Because the Sunday event was free, the owner of the bike was not paying for the two or three people working for almost two hours on his soluble but time-consuming problem. Thus we sidestepped the overhead paradox. The cost was borne by the volunteers working for free. I did get some food and social credit for it, and I was happy to help keep a worthy old bike on the road, but I would starve to death if I did it all the time.

Used bikes can be great if you know what you're looking at. Prices fluctuate depending on demand. A seller who knows what they have, dealing with a buyer who accurately assesses the bike's value, are liable to settle on a higher price than if a generic scavenger just sells it as "a bike" to some random rube. But even then, the buyer might be a hard chiseler who doesn't know the value, but is determined to hold down the price, or a knowledgeable enthusiast who is also determined to hold down the price. Or the generic scavenger might have an inflated idea of the price, aided by a time in which used bike prices are running high, like in the demand surge of 2020.

The overhead paradox affects modern stuff as well. We had a jammed 11-speed pod shifter that I might have unjammed, given enough time, but a new pod cost less than my time. New shifter pods for seven speeds and up cost about as much as we charge to open up an old pod and clean out the congealed grease, which is usually all that is wrong with them.

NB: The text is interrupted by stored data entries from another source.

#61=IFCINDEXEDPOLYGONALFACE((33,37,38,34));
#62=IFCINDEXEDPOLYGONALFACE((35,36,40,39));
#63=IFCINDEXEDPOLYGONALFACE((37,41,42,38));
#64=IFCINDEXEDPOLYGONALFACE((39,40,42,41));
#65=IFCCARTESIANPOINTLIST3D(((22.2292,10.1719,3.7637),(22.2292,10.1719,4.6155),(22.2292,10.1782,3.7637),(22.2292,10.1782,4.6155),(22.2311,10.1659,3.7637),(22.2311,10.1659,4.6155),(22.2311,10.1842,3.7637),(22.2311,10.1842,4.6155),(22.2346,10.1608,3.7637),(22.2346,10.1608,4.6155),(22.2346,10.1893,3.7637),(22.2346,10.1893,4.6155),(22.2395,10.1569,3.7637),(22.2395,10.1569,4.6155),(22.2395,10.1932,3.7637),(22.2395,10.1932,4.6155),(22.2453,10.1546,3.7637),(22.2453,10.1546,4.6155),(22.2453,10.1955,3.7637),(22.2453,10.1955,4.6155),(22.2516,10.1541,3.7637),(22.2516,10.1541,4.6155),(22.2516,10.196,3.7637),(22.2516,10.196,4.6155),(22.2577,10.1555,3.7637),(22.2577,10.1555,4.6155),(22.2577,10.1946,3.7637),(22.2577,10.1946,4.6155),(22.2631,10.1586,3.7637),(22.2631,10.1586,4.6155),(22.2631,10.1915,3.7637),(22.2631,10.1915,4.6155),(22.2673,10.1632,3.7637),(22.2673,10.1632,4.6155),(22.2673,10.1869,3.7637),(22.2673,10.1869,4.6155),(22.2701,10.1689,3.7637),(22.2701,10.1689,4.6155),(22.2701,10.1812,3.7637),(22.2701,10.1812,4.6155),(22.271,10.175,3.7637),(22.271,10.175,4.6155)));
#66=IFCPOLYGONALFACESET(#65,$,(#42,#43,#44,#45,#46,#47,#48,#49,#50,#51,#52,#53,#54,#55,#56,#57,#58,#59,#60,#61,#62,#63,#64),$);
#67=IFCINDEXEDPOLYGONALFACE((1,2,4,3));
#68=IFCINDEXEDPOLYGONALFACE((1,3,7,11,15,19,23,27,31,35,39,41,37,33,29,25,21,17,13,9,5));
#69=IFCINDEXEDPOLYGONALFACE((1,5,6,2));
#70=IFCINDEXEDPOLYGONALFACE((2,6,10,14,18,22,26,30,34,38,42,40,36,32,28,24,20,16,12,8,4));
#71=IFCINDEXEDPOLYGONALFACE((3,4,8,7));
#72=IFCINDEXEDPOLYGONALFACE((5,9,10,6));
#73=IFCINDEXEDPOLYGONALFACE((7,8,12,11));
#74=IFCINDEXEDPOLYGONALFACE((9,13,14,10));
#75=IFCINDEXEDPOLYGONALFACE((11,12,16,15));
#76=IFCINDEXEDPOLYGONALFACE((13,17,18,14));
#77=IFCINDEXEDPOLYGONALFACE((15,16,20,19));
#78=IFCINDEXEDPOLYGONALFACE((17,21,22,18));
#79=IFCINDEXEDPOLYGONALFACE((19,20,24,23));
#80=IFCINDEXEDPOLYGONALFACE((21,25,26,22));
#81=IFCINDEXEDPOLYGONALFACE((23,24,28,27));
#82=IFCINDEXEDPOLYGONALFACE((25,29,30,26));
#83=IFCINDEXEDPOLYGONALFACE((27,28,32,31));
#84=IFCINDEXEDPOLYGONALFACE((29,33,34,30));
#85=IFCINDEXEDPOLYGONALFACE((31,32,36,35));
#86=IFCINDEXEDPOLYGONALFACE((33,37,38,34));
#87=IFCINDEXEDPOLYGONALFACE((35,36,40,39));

But the procedure takes longer than yanking the old pod off and slapping in a new one, so when the shop is buried it's a better option if we have the part in stock. The unfortunate consequence is that a fixable shifter pod goes to the landfill. The small businesses at the bottom of the economy end up bearing the major responsibility for stemming the avalanche of waste getting dumped into the environment. The bicycle industry doesn't support the activity of bicycling, it supports itself. Bicycling is just a side effect.

For the moment, we're too dumb to quit trying to fix things that people want fixed, but upper management can no longer ignore the mounting costs. We have no handy off-site magician like my friend in Orlando, but we can't afford to be that magician as much as we used to. I have a lot of tools at my own secret headquarters, but the shop still has a few more tricks that I haven't invested in, and I don't want to burn too many of my days off doing what I do on my days on. I would much rather teach skills (and a jaundiced attitude toward tech-weenie bullshit) than be a servant to the willfully ignorant. The owner of the bike should make at least part of the journey with me. At the end of it, they should come out more independent than when they started. If I can learn this crap, anyone can, but knowing it does make you more valuable. No, any idiot can't just do it, but any regular person can learn it if they can bring themselves to focus on it. The citizen rider becomes the citizen mechanic and a freer person as a result.